Construct mixed model equations with

incidence matrix: X ; response : ySparse; left-hand side : mmeLhs ; right-hand side : mmeLhs ;

get_outputX_others(model)

Make incidence matrices for effects involved in calculation of EBV including J, ϵ, pedTrmVec except marker covariates.

get_pedigree(pedfile::AbstractString;header=false,separator=',')

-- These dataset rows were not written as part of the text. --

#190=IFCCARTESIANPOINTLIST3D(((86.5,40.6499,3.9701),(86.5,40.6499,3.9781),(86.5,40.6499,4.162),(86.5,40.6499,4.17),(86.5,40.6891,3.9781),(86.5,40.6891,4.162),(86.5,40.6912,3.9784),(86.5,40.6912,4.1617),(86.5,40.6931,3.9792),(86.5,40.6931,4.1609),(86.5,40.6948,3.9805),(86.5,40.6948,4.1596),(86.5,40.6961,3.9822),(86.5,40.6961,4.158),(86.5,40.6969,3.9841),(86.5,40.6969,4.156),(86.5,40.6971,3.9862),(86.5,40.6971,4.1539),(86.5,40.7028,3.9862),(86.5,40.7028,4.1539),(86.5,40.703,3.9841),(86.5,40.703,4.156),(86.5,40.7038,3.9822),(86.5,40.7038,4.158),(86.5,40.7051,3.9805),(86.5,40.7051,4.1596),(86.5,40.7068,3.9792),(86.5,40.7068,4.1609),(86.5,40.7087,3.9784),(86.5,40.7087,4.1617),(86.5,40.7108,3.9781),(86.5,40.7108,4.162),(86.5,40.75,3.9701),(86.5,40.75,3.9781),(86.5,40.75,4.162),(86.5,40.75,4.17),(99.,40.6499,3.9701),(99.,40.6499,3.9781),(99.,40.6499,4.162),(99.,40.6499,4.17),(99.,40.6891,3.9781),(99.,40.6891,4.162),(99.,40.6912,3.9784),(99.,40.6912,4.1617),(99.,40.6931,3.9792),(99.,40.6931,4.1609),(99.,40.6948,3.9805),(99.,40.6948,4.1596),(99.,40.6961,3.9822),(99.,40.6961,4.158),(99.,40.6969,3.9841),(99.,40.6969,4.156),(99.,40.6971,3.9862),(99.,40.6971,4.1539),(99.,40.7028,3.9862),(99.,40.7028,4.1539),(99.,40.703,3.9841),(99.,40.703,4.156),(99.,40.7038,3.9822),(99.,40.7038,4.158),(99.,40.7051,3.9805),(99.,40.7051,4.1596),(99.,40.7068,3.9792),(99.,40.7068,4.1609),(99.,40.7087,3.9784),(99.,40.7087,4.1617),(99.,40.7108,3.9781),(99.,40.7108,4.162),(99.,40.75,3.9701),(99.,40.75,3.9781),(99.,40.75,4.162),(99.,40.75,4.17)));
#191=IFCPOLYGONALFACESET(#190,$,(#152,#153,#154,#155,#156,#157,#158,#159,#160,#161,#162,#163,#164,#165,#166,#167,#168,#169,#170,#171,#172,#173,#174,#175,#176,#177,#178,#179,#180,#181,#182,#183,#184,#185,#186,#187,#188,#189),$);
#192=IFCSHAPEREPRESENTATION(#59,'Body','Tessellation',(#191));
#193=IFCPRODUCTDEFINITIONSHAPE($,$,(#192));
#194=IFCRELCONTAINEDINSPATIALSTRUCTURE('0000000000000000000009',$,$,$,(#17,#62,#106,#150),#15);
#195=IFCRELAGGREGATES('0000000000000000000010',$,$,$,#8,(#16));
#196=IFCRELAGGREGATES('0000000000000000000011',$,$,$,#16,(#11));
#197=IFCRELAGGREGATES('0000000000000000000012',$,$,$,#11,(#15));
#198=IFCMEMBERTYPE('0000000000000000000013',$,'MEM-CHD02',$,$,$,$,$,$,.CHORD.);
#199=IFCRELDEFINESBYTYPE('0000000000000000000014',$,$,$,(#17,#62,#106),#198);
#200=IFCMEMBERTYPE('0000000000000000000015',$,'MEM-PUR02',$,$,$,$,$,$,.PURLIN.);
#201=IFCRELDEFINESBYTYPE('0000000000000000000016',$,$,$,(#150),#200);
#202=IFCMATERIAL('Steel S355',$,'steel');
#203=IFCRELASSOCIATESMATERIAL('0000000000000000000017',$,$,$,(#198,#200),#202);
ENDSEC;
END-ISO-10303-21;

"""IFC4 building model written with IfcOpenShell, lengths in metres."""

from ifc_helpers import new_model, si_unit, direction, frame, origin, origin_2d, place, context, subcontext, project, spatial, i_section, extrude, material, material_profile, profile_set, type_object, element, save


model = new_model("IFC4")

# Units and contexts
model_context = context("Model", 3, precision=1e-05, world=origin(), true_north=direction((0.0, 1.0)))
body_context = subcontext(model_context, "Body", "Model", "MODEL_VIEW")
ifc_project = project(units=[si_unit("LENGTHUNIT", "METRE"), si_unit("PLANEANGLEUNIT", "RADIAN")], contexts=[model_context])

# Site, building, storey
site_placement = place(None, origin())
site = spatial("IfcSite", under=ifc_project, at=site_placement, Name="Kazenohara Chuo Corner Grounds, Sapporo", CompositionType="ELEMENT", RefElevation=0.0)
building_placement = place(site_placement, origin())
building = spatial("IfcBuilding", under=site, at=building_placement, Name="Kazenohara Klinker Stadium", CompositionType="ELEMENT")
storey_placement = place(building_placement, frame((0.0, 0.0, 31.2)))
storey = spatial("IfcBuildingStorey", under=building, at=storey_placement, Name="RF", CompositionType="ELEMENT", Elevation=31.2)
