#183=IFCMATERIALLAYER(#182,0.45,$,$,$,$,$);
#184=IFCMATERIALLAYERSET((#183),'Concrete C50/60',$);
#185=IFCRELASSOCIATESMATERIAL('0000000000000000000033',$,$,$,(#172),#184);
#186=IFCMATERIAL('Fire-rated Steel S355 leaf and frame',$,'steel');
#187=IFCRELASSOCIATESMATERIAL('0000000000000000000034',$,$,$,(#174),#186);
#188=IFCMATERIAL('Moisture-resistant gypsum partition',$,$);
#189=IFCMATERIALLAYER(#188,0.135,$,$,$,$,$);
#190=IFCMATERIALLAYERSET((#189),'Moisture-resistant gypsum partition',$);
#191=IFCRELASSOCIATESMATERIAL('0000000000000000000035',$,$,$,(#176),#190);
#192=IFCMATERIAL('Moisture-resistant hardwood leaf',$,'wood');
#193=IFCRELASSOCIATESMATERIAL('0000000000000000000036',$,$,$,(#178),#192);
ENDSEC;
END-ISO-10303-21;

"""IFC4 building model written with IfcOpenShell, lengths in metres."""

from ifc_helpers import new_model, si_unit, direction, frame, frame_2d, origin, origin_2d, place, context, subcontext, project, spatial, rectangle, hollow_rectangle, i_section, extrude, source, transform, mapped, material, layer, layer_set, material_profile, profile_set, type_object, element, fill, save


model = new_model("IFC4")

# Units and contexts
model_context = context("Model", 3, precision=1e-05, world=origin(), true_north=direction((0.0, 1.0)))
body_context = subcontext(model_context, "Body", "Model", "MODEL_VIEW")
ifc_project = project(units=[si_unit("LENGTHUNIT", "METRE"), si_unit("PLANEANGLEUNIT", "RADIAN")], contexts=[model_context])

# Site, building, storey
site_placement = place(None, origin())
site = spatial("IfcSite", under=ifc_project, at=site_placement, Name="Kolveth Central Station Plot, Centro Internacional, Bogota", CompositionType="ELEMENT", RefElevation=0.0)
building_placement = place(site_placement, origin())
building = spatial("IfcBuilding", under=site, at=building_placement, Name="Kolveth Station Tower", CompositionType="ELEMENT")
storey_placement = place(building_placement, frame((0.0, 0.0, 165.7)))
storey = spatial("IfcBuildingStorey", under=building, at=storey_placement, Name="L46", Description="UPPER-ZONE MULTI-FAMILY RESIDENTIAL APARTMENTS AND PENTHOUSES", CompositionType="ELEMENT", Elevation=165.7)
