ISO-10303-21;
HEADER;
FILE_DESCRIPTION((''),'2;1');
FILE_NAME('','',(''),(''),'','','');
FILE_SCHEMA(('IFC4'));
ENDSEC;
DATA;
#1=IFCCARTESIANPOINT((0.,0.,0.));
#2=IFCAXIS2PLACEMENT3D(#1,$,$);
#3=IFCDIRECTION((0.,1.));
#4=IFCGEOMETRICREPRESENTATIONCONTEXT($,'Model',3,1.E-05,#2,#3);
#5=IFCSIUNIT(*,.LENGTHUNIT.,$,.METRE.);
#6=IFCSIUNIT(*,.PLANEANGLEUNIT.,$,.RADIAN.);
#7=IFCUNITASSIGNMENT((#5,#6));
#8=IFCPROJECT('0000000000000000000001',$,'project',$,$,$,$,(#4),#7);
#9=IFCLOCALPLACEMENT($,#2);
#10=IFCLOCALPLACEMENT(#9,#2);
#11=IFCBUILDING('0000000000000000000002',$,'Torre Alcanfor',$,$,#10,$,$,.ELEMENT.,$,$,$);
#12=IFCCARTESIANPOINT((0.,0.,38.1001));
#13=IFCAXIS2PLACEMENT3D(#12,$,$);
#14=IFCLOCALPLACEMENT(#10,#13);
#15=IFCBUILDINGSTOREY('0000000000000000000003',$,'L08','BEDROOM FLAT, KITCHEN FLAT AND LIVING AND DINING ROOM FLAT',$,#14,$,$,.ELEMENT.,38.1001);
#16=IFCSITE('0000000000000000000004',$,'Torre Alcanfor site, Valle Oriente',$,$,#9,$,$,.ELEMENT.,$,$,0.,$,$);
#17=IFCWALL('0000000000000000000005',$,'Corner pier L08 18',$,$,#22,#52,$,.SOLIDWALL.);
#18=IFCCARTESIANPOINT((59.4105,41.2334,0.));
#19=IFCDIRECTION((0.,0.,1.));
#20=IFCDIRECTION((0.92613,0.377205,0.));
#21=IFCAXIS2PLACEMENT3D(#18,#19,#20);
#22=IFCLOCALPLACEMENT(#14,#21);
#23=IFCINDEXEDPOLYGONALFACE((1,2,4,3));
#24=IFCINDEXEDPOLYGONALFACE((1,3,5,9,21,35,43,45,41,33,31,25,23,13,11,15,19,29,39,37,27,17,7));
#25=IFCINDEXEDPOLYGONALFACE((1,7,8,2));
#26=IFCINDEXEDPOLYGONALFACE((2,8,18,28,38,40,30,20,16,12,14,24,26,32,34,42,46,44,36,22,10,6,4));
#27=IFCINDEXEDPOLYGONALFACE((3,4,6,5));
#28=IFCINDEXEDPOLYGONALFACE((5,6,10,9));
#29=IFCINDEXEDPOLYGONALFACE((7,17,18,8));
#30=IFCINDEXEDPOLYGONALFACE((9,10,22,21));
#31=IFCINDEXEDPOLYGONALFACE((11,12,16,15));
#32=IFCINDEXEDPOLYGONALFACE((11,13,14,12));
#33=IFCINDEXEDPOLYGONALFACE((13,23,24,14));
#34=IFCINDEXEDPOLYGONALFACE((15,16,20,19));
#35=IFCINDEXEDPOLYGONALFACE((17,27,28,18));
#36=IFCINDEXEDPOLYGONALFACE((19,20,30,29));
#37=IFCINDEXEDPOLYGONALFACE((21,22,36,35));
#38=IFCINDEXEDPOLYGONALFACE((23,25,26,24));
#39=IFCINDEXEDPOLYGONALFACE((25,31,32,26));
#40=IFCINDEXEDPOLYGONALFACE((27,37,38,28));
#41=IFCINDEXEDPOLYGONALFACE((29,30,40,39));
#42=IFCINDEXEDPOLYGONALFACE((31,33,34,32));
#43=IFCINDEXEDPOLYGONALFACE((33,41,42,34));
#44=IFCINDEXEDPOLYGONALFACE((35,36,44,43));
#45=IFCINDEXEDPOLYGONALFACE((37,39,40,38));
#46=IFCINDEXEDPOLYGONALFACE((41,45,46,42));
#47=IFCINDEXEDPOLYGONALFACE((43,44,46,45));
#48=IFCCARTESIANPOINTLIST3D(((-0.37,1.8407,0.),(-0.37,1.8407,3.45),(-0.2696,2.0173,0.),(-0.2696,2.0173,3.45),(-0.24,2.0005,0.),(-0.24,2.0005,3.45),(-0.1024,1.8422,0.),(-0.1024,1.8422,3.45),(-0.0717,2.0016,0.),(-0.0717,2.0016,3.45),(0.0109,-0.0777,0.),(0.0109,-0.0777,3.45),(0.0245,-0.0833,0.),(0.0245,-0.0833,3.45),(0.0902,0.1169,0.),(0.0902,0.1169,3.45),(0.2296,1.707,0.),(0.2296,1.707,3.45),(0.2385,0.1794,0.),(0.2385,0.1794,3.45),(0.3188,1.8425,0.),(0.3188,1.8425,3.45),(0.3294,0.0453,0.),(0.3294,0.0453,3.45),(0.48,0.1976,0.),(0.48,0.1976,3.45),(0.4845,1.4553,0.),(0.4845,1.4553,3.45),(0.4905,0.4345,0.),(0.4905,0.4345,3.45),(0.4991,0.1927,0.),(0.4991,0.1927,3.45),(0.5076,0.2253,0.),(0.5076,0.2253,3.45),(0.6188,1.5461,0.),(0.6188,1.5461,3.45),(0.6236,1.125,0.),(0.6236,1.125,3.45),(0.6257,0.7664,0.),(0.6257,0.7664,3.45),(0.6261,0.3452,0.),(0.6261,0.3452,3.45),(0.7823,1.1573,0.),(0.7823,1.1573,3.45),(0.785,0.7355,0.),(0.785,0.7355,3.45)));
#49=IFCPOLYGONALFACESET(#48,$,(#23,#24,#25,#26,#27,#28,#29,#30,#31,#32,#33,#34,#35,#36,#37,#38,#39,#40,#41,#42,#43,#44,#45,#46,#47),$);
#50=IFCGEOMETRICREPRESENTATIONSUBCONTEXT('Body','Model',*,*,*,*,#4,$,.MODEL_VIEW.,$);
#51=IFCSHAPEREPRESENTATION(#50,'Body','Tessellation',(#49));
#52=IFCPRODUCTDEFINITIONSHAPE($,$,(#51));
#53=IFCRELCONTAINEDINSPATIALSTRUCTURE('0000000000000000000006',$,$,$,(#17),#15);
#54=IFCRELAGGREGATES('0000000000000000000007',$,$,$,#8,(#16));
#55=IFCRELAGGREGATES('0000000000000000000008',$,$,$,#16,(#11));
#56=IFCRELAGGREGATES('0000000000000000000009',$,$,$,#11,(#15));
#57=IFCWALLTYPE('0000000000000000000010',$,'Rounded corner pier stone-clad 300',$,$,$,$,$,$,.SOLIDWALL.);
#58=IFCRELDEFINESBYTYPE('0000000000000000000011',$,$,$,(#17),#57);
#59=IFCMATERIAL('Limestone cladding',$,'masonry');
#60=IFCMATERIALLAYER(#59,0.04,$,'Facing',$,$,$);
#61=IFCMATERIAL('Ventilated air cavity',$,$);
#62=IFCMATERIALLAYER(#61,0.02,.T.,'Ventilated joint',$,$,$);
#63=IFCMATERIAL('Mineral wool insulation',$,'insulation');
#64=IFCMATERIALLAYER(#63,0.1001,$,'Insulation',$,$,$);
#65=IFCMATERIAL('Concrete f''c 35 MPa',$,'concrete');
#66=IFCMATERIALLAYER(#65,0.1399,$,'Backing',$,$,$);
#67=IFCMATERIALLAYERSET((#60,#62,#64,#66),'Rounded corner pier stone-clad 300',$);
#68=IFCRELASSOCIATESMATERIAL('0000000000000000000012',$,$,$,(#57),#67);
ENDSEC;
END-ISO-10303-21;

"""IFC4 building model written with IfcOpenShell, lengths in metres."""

from ifc_helpers import new_model, si_unit, direction, frame, origin, place, context, subcontext, project, spatial, polyline, outline, extrude, material, layer, layer_set, type_object, element, save


model = new_model("IFC4")

# Units and contexts
model_context = context("Model", 3, precision=1e-05, world=origin(), true_north=direction((0.0, 1.0)))
body_context = subcontext(model_context, "Body", "Model", "MODEL_VIEW")
ifc_project = project(units=[si_unit("LENGTHUNIT", "METRE"), si_unit("PLANEANGLEUNIT", "RADIAN")], contexts=[model_context])

# Site, building, storey
site_placement = place(None, origin())
site = spatial("IfcSite", under=ifc_project, at=site_placement, Name="Torre Alcanfor site, Valle Oriente", CompositionType="ELEMENT", RefElevation=0.0)
building_placement = place(site_placement, origin())
building = spatial("IfcBuilding", under=site, at=building_placement, Name="Torre Alcanfor", CompositionType="ELEMENT")
storey_placement = place(building_placement, frame((0.0, 0.0, 38.1001)))
storey = spatial("IfcBuildingStorey", under=building, at=storey_placement, Name="L08", Description="BEDROOM FLAT, KITCHEN FLAT AND LIVING AND DINING ROOM FLAT", CompositionType="ELEMENT", Elevation=38.1001)

# Shared definitions
ifc_material_1 = material(Name="Limestone cladding", Category="masonry")
ifc_material_2 = material(Name="Ventilated air cavity")
ifc_material_3 = material(Name="Mineral wool insulation", Category="insulation")
ifc_material_4 = material(Name="Concrete f'c 35 MPa", Category="concrete")

# Wall
ifc_layer_1 = layer(ifc_material_1, 0.04, Name="Facing")
ifc_layer_2 = layer(ifc_material_2, 0.02, ventilated=True, Name="Ventilated joint")
ifc_layer_3 = layer(ifc_material_3, 0.1001, Name="Insulation")
ifc_layer_4 = layer(ifc_material_4, 0.1399, Name="Backing")
ifc_layer_set_1 = layer_set([ifc_layer_1, ifc_layer_2, ifc_layer_3, ifc_layer_4], Name="Rounded corner pier stone-clad 300")
wall_type_1 = type_object("IfcWallType", Name="Rounded corner pier stone-clad 300", PredefinedType="SOLIDWALL", material=ifc_layer_set_1)
wall_1_placement = place(storey_placement, frame((59.4105, 41.2334, 0.0), z_axis=(0.0, 0.0, 1.0), x_axis=(0.92613, 0.377205, 0.0)))
element("IfcWall", 1, at=wall_1_placement, inside=storey, type_object=wall_type_1, Name="Corner pier L08 18", PredefinedType="SOLIDWALL", context=body_context, shape_type="SweptSolid", body=[
    extrude(outline(polyline([(0.6261, 0.3452), (0.785, 0.7355), (0.7823, 1.1573), (0.6188, 1.5461), (0.3188, 1.8425), (-0.0717, 2.0016), (-0.24, 2.0005), (-0.2696, 2.0173), (-0.37, 1.8407), (-0.1024, 1.8422), (0.2296, 1.707), (0.4845, 1.4553), (0.6236, 1.125), (0.6257, 0.7664), (0.4905, 0.4345), (0.2385, 0.1794), (0.0902, 0.1169), (0.0109, -0.0777), (0.0245, -0.0833), (0.3294, 0.0453), (0.48, 0.1976), (0.4991, 0.1927), (0.5076, 0.2253), (0.6261, 0.3452)])), origin(), (0.0, 0.0, 1.0), 3.45),
])

save(model, "model.ifc")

• Get pedigree informtion from a pedigree file with header (defaulting to false) and separator (defaulting to ,).
• Pedigree file format:

a,0,0
c,a,b
d,a,c

get_info(pedigree::Pedigree)

• Print summary informtion from a pedigree object including number of individulas, sires. dams and founders. Return individual IDs, inverse of numerator relationship matrix, and inbreeding coefficients.